Der erste moderne Luftballon wurde 1824 vom britischen Naturforscher Michael Faraday hergestellt. Aus einer Rohgummi-Masse schnitt er zwei runde Flächen, bestäubte die Innenseiten mit Mehl, damit sie nicht zusammenklebten, legte sie aufeinander und drückte sie an den Rändern zusammen. Anschließend leitete er Wasserstoff in den Hohlraum zwischen den beiden Hälften. Durch das Gas dehnte sich das zusammengeklebte Gummi um ein Vielfaches aus und schwebte zur Decke: Der Luftballon war geboren.

Bereits ein Jahr später, 1825, bot der britische Tüftler Thomas Hancock die Erfindung von Michael Faraday als Bastelset zum Verkauf an – die Luftballons musste man damals mit einer Spritze aus dem mitgelieferten Rohgummi noch selbst anfertigen; außerdem waren sie nicht besondere lange haltbar. Erst 1847 entwickelte J. G. Ingram in London vulkanisierte Luftballons, die durch das Eintauchen von Ballonformen in flüssiges Gummi hergestellt wurden. Durch die Behandlung mit Schwefel erreichten sie außerdem eine größere Dehnbarkeit und waren deutlich robuster als ihre Vorläufer.

Im Jahr 1882 malte der Genrekünstler Fritz Beinke (1842 – 1907) den „Nürnberger Spielzeugmacher“. Kinder bestaunen seine Spielzeugschätze, im Hintergrund vermitteln weiße Zelte eine Jahrmarktsituation. Dieser Mann mit Bauchladen hält auch mehrere Luftballons an Schnüren fest.

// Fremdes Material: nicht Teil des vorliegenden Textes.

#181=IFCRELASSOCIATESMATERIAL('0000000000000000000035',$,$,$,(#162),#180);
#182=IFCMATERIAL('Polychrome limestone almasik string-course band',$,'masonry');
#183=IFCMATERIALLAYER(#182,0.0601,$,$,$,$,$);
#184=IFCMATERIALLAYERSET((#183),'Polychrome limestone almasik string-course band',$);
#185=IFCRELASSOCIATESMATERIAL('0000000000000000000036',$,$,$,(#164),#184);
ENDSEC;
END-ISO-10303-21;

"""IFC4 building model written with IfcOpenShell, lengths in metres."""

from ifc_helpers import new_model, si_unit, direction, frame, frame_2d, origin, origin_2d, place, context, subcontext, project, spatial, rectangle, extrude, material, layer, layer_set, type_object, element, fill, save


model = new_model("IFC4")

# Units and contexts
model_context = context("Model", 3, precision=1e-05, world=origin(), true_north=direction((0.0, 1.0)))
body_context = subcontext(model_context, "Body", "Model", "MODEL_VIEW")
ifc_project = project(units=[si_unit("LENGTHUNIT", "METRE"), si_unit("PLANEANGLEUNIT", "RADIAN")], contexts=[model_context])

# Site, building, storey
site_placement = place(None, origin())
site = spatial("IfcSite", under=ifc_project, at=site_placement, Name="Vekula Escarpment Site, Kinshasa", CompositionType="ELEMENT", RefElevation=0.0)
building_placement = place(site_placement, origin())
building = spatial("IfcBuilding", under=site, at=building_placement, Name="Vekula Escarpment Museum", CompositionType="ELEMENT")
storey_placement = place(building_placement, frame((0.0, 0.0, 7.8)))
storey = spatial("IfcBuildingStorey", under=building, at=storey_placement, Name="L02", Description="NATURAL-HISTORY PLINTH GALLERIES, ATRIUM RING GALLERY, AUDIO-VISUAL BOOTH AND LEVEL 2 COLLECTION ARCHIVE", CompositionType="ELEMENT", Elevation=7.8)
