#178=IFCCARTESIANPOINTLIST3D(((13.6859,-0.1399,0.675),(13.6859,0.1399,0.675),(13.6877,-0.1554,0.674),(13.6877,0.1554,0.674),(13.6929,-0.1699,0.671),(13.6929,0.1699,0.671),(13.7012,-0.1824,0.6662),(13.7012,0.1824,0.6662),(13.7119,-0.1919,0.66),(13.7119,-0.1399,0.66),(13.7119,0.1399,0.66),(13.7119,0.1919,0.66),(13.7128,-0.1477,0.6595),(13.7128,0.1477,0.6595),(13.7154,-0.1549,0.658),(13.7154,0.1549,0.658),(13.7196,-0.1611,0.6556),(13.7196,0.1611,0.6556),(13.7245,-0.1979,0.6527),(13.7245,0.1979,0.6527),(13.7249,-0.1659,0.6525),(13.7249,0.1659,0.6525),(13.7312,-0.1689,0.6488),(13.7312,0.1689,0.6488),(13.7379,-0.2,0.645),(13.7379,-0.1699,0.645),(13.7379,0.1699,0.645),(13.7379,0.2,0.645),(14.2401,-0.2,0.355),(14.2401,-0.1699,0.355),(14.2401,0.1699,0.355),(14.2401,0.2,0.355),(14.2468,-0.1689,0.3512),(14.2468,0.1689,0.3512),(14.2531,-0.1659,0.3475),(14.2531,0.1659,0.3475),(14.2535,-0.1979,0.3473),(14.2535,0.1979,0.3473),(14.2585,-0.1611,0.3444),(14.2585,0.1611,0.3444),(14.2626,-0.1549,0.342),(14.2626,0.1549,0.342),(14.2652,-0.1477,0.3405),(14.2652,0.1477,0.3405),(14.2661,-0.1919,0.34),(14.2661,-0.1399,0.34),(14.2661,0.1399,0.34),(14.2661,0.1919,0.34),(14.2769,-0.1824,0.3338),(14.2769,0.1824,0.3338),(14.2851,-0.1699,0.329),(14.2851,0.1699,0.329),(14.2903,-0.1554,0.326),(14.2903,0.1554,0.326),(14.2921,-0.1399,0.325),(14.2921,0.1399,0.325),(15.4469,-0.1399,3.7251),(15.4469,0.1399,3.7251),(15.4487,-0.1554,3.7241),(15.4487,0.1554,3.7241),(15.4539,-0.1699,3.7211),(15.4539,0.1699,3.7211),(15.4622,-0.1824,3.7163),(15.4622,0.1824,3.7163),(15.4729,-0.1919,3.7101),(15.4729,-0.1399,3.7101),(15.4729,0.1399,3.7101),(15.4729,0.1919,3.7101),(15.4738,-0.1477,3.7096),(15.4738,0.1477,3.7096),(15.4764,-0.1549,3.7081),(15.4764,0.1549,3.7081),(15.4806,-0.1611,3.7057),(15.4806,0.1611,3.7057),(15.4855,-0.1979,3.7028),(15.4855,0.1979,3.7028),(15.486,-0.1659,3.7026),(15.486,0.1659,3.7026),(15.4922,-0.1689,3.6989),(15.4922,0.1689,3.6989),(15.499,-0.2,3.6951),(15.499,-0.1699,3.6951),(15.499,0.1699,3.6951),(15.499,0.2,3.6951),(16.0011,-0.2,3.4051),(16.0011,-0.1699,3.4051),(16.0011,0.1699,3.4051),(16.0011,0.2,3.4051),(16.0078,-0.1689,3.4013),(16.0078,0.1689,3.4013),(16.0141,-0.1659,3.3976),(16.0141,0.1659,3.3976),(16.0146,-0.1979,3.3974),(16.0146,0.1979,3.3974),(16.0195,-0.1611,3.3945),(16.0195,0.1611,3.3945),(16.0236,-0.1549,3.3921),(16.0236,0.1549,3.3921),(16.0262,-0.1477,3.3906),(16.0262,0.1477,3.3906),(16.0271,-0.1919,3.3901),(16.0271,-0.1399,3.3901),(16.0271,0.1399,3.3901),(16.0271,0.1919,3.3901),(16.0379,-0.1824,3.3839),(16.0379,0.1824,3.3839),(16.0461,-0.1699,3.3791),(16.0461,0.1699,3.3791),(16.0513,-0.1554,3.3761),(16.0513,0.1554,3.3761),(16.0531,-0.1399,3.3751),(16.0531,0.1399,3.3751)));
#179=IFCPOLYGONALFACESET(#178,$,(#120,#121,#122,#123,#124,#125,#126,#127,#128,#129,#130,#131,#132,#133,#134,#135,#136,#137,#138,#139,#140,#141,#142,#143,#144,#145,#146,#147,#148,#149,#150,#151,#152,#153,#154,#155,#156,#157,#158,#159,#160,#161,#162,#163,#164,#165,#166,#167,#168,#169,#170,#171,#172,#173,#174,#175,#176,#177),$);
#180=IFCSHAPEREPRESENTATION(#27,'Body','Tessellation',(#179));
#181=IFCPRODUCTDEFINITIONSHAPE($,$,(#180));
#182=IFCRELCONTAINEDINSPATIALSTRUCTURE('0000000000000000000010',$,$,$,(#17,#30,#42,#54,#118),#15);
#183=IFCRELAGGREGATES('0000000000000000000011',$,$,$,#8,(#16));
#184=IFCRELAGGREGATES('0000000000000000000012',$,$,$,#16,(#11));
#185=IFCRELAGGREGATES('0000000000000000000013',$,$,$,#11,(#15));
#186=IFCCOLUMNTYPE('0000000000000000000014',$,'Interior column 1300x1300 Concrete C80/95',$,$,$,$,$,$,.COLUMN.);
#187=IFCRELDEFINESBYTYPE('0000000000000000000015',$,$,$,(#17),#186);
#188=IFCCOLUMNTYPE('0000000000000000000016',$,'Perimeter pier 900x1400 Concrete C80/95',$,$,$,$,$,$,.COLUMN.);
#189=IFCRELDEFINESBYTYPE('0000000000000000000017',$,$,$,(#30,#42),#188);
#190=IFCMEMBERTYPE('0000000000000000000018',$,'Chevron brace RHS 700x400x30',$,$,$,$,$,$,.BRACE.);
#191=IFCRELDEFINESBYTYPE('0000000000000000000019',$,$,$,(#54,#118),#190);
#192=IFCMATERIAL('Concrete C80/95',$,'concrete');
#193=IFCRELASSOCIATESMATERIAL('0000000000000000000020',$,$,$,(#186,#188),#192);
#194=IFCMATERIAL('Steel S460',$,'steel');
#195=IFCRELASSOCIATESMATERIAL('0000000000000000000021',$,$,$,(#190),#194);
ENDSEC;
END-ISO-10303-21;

Fritz Beinke: Der Spielzeugmacher von Nürnberg.

Die Füllung macht‘s: Vom Wasserstoff zum Helium

Damit Luftballons auch flogen, wurden sie anfangs mit Wasserstoff gefüllt. Das jedoch war nicht ganz unproblematisch: Wasserstoff ist ein reaktionsfreudiges Gas, das sich leicht entzündet. Erst mit der industriellen Förderung und Produktion von Helium zu Beginn des 20. Jahrhunderts fand sich eine praktikable Alternative. Helium war in vielen Bereichen, wie etwa der Luftschifffahrt, aufgrund seiner vergleichbaren Eigenschaften ein willkommener und ungefährlicher Ersatz für den hochentzündlichen Wasserstoff. Wie so häufig war die erste großflächige Verwendung von Helium in Ballons jedoch erst einmal militärischer Natur. Während des Ersten und Zweiten Weltkriegs wurde es als Füllgas von Sperrballons eingesetzt – Fesselballons, die mit Stahlseilen über dem Erdboden festgehalten wurden und feindlichen Piloten den Anflug auf Bodenziele erschweren sollten.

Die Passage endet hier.